Pennsylvania Federal Court Dismisses Religious Discrimination Class Action Challenge to Healthcare Employer’s Mandatory COVID-19 Vaccine, Testing Requirements

Posted on: September 22, 2022
In: Labor & Employment

gavel next to covid-19 vaccine, syringe and three small wooden doll figures

By: Lewis Brisbois' Labor & Employment Team

On August 26, 2022, a putative class action brought on behalf of over 100 employees of a healthcare clinic, challenging the clinic’s policy requiring that its employees either receive COVID-19 vaccines or be tested twice weekly for the virus, was dismissed by the U.S. District Court for the Middle District of Pennsylvania. The court rejected the claim that the employer’s COVID-19 vaccination and testing requirements constituted religious discrimination, as well as violations of the U.S. Constitution and state tort laws.

The lawsuit emanated from the healthcare employer’s requirement that all its employees be vaccinated against COVID-19 unless they had a religious or medical exemption. The putative representative plaintiff claimed a religious exemption from the vaccine based on her view that she had a God-given right to make her own choices regarding what is good or bad for her body. The employer permitted her to keep her job on the condition that she undergo COVID-19 testing twice a week, notwithstanding that she worked remotely from home. The plaintiff sought further religious exemption from the testing requirement, stating in an affidavit attached to her complaint that the testing violated her religious belief that testing was a bad choice for her health and body because chemicals and carcinogens are present in the swab and testing material. The employer informed her that it took her refusal to test as a resignation.

The federal court rejected the assertion that the employer refused to offer reasonable accommodations for the vaccine and/or testing mandate in violation of the plaintiff’s religious beliefs. The court agreed with the employer that the plaintiff’s beliefs that the vaccines and tests were harmful and unnecessary were essentially medical concerns, not religious beliefs, and as such they could not support a claim for religious discrimination. According to the court, the plaintiff’s claim of a God-given right to make her own choices would amount to “a blanket privilege” and a “limitless excuse for avoiding all unwanted . . . obligations” and “would be a step too far to count everything plaintiff believed about healthy living as a religious practice.”
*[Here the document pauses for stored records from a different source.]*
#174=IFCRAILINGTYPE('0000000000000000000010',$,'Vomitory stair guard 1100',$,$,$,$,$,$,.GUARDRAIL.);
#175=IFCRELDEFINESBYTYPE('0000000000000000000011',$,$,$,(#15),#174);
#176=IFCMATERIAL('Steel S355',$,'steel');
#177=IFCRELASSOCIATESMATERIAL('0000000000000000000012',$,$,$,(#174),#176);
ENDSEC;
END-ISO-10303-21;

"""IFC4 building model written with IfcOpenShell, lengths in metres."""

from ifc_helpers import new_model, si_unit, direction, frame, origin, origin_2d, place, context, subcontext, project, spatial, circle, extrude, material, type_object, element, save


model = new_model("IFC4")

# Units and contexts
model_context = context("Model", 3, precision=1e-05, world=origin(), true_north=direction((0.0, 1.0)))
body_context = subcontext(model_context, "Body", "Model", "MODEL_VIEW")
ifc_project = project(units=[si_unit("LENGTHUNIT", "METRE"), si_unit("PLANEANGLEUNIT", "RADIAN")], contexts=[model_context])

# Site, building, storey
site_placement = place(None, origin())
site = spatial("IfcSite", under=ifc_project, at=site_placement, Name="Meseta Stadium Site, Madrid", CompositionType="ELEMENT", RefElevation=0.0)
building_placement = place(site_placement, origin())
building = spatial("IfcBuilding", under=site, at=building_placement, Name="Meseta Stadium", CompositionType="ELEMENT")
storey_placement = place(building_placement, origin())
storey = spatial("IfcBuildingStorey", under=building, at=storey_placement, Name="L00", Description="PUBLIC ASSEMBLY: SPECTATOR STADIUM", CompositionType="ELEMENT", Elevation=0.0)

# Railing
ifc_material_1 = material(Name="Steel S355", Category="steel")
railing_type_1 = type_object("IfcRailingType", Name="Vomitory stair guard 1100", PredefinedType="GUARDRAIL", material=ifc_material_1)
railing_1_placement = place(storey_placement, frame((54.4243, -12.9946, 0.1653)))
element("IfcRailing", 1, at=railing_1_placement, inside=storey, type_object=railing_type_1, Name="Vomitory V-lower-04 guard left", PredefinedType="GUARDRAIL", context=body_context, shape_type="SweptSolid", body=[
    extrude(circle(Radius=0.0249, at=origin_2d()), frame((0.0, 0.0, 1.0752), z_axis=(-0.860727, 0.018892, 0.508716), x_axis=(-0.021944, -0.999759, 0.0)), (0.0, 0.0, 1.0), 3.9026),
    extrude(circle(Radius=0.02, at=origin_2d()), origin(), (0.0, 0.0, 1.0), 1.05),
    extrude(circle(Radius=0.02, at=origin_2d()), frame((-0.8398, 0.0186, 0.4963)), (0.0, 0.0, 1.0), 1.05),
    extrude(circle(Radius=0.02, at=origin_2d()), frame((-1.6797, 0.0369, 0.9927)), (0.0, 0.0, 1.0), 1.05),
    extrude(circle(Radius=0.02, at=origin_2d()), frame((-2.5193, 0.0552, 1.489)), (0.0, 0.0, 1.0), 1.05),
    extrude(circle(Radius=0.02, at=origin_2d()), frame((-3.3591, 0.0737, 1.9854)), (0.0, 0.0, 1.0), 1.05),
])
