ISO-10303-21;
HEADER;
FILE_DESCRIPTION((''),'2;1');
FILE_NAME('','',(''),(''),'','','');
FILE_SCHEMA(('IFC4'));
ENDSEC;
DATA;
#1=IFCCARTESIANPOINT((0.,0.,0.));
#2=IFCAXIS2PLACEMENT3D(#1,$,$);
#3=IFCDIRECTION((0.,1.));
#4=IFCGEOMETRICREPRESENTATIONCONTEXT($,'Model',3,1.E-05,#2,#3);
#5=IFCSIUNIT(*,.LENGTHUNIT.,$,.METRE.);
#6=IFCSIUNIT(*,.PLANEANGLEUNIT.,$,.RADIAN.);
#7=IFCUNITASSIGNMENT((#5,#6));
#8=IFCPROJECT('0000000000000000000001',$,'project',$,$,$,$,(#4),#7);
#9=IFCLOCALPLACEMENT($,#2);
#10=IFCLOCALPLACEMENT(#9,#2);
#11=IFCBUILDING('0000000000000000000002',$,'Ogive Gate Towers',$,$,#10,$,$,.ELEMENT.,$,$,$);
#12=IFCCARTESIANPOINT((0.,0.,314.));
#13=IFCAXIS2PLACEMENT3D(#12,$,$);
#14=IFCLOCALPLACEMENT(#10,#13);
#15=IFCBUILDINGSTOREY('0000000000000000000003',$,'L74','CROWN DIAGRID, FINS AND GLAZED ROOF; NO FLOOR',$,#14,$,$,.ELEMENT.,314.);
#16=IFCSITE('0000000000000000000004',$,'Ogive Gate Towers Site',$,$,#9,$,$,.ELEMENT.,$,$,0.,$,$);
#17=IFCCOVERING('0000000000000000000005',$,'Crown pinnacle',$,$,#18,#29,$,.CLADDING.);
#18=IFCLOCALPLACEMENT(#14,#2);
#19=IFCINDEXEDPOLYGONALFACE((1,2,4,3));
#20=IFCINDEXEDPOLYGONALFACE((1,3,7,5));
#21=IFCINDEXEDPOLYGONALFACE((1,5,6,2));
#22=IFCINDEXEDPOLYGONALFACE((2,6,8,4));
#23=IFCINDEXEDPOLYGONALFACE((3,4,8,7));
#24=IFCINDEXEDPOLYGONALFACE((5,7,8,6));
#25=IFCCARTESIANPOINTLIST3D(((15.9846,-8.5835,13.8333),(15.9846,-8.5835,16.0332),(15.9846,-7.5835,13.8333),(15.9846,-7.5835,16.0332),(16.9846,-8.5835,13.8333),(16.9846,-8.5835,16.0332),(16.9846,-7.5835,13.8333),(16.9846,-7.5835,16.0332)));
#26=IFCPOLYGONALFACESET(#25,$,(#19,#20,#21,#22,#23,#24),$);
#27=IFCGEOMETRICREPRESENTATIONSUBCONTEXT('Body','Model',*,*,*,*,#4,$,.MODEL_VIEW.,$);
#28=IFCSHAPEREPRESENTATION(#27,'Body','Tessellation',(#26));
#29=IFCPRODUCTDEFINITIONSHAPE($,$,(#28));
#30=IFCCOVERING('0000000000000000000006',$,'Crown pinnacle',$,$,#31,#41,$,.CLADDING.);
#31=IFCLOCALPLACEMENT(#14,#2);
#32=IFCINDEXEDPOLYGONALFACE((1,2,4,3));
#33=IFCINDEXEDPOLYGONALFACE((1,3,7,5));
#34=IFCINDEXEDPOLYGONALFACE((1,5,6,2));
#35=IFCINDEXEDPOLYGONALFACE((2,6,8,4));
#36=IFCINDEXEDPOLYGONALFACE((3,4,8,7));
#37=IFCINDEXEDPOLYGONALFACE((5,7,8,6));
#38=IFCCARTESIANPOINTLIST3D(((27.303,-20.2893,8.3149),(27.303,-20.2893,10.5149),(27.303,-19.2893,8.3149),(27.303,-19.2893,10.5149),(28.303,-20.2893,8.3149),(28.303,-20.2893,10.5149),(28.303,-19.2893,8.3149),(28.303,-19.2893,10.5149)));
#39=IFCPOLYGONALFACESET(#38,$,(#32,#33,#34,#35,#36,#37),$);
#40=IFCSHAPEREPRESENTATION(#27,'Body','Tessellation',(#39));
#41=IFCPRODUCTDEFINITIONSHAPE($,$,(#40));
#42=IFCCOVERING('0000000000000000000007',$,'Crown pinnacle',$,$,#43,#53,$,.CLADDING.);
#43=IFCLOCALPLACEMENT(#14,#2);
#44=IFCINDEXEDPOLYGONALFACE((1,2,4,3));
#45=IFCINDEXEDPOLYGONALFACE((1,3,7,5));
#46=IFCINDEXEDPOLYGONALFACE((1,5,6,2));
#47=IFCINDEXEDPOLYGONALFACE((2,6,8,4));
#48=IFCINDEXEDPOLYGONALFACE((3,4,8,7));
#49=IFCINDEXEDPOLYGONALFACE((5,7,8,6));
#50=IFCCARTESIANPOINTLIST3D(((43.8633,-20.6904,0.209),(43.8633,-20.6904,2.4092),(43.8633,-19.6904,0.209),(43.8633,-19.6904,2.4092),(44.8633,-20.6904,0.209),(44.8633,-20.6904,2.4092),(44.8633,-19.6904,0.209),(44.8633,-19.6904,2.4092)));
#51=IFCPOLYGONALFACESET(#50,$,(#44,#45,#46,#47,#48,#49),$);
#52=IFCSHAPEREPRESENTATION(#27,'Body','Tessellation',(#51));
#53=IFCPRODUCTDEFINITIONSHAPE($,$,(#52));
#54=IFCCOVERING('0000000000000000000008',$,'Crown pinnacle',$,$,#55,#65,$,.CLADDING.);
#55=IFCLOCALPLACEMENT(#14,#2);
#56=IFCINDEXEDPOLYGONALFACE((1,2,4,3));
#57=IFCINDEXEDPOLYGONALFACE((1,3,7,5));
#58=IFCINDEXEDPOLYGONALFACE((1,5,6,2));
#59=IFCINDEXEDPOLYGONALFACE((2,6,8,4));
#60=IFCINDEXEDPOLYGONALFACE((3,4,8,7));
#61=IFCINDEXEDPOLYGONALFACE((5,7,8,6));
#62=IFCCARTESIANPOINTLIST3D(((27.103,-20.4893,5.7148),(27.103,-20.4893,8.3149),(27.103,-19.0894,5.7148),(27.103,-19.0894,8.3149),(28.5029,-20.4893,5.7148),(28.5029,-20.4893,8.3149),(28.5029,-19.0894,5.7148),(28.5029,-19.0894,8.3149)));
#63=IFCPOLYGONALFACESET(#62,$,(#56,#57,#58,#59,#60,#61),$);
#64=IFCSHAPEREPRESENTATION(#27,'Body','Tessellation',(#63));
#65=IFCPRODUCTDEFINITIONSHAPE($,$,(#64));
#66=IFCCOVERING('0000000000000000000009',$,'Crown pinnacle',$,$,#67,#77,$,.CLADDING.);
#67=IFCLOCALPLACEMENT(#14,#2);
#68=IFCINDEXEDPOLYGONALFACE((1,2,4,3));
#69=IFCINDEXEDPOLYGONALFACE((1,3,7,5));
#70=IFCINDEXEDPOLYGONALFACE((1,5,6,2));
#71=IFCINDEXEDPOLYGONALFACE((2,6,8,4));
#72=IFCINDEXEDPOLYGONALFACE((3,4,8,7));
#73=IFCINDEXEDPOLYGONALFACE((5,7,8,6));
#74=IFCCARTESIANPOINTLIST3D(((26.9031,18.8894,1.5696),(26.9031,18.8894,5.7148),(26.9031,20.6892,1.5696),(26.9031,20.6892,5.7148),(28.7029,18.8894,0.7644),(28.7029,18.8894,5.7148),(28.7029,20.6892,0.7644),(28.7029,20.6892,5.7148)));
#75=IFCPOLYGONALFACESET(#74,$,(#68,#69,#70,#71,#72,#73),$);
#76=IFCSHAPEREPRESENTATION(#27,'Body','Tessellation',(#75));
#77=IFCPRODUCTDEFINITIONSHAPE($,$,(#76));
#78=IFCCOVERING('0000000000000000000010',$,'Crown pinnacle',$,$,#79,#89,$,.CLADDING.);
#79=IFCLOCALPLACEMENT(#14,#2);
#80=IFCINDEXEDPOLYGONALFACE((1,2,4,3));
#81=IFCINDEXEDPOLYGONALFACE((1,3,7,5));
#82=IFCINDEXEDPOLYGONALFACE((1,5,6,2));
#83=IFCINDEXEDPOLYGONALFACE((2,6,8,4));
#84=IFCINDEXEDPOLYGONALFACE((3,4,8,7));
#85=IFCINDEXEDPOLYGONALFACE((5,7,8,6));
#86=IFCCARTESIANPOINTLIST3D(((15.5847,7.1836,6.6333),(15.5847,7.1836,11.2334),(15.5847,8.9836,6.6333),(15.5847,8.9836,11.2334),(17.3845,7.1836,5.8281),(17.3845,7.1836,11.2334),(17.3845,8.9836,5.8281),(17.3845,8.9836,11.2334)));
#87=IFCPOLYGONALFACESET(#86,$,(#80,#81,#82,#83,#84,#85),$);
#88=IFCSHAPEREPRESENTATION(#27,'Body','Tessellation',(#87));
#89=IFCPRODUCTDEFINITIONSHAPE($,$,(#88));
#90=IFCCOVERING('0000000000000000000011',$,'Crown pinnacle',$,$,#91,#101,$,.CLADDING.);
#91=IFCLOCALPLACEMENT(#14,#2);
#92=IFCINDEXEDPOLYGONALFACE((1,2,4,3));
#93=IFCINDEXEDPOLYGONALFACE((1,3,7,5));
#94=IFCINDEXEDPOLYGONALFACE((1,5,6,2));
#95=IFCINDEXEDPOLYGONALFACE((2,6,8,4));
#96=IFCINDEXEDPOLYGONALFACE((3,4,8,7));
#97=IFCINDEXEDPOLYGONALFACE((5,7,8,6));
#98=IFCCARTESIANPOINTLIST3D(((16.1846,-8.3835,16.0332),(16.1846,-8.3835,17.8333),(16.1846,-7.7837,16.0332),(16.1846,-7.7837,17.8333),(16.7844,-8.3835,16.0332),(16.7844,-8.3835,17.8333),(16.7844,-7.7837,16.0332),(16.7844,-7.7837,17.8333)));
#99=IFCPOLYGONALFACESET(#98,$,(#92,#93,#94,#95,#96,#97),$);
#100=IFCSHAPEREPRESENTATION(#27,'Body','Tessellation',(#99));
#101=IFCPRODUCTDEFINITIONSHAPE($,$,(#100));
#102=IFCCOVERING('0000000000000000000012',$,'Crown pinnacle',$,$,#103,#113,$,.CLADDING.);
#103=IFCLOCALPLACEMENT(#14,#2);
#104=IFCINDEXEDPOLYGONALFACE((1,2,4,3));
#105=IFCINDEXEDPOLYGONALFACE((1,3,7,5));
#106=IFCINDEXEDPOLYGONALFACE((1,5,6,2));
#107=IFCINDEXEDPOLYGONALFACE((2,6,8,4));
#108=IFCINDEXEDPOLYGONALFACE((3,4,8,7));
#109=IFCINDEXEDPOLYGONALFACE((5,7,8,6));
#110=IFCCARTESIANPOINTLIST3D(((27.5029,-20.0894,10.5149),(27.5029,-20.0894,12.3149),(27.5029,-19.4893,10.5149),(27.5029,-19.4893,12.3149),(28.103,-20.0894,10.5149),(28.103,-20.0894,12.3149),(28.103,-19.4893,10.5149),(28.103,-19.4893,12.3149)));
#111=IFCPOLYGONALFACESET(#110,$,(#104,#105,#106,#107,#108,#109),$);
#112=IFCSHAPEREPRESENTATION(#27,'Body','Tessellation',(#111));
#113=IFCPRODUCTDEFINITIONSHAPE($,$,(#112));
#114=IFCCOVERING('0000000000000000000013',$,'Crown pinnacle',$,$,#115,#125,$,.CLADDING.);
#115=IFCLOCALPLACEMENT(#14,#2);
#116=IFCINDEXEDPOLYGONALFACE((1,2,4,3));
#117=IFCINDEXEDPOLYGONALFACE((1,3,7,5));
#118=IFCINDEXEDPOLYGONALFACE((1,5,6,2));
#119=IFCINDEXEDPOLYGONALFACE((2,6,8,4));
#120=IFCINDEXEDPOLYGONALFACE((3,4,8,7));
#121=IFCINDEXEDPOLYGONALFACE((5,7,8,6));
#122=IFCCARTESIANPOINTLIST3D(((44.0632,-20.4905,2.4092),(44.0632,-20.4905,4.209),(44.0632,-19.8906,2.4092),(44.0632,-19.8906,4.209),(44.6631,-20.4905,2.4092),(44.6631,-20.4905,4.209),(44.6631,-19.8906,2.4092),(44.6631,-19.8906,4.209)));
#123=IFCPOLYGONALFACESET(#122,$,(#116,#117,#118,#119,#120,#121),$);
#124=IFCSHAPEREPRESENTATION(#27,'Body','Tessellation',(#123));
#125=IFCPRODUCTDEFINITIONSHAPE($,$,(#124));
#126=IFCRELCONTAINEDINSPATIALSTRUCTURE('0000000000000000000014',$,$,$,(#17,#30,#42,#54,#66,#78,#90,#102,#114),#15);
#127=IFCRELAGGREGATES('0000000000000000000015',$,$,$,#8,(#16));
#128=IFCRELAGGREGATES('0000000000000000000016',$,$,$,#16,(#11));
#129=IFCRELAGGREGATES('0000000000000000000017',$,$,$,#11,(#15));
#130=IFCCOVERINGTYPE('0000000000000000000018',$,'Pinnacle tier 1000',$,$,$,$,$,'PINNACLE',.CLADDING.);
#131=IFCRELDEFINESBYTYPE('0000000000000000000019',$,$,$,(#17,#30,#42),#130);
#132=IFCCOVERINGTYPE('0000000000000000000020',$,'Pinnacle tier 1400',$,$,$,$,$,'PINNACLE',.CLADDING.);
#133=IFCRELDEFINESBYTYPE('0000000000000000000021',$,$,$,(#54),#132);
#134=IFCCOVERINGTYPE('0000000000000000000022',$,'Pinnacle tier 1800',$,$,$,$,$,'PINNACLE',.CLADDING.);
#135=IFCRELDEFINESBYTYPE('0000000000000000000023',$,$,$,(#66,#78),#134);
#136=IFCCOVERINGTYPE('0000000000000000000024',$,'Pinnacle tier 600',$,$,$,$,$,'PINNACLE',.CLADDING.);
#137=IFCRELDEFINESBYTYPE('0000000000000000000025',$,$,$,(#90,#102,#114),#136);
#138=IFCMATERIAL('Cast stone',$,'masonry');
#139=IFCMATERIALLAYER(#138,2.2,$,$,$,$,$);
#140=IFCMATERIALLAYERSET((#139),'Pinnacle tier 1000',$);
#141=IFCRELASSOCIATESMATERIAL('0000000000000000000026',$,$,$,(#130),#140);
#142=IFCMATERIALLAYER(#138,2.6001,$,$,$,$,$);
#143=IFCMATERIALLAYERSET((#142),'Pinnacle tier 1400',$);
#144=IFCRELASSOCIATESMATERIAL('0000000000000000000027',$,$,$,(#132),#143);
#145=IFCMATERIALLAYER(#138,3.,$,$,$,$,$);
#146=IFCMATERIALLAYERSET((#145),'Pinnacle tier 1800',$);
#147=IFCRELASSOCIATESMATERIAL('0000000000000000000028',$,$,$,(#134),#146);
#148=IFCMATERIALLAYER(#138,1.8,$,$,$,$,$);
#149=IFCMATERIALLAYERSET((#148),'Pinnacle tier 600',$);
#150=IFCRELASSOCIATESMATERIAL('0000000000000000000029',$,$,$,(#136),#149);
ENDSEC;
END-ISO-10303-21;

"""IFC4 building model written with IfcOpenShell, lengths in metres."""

from ifc_helpers import new_model, si_unit, direction, frame, origin, place, context, subcontext, project, spatial, polyline, outline, extrude, material, layer, layer_set, type_object, element, save


model = new_model("IFC4")

# Units and contexts
model_context = context("Model", 3, precision=1e-05, world=origin(), true_north=direction((0.0, 1.0)))
body_context = subcontext(model_context, "Body", "Model", "MODEL_VIEW")
ifc_project = project(units=[si_unit("LENGTHUNIT", "METRE"), si_unit("PLANEANGLEUNIT", "RADIAN")], contexts=[model_context])

# Site, building, storey
site_placement = place(None, origin())
site = spatial("IfcSite", under=ifc_project, at=site_placement, Name="Ogive Gate Towers Site", CompositionType="ELEMENT", RefElevation=0.0)
building_placement = place(site_placement, origin())
building = spatial("IfcBuilding", under=site, at=building_placement, Name="Ogive Gate Towers", CompositionType="ELEMENT")
storey_placement = place(building_placement, frame((0.0, 0.0, 314.0)))
storey = spatial("IfcBuildingStorey", under=building, at=storey_placement, Name="L74", Description="CROWN DIAGRID, FINS AND GLAZED ROOF; NO FLOOR", CompositionType="ELEMENT", Elevation=314.0)

# Coverings
ifc_material_1 = material(Name="Cast stone", Category="masonry")
ifc_layer_1 = layer(ifc_material_1, 2.2)
ifc_layer_set_1 = layer_set([ifc_layer_1], Name="Pinnacle tier 1000")
covering_type_1 = type_object("IfcCoveringType", Name="Pinnacle tier 1000", ElementType="PINNACLE", PredefinedType="CLADDING", material=ifc_layer_set_1)
covering_1_placement = place(storey_placement, frame((0.0, 0.0, 13.8333)))
element("IfcCovering", 1, at=covering_1_placement, inside=storey, type_object=covering_type_1, Name="Crown pinnacle", PredefinedType="CLADDING", context=body_context, shape_type="SweptSolid", body=[
    extrude(outline(polyline([(16.9846, -7.5835), (15.9846, -7.5835), (15.9846, -8.5835), (16.9846, -8.5835), (16.9846, -7.5835)])), origin(), (0.0, 0.0, 1.0), 2.2),
])
covering_2_placement = place(storey_placement, frame((0.0, 0.0, 8.3149)))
In addition to dismissing the claim against the employer for religious discrimination, the court dismissed the plaintiff’s claims that the vaccine and testing mandates violated her rights under the Fifth and Fourteenth Amendments, which failed because the employer did not assume the role of the state in requiring COVID-19 vaccines and testing. The court also ruled that the health clinic employer did not act “in concert” with federal officials by implementing the vaccine mandate as a result of the CDC’s recommendations simply because it may have adopted a vaccine and testing mandate in accordance with the CDC’s recommendations. In essence, the court determined that the plaintiff failed to show that the government was responsible for the conduct of the employer and therefore, the health clinic employer was not subject to constitutional scrutiny as a private entity.

The court’s ruling in this case is a favorable one for employers who require COVID-19 vaccines or testing as part of implementing a safe workplace. The decision also evidences that courts may treat an employee’s irrational, unfounded resistance to COVID-19 vaccines and/or testing under the guise of a violation of their religious beliefs as suspect where the employee attempts to couch an unwillingness to be vaccinated or tested based upon fears or medical concerns as a religious belief, despite having no apparent basis in religious doctrine for the position.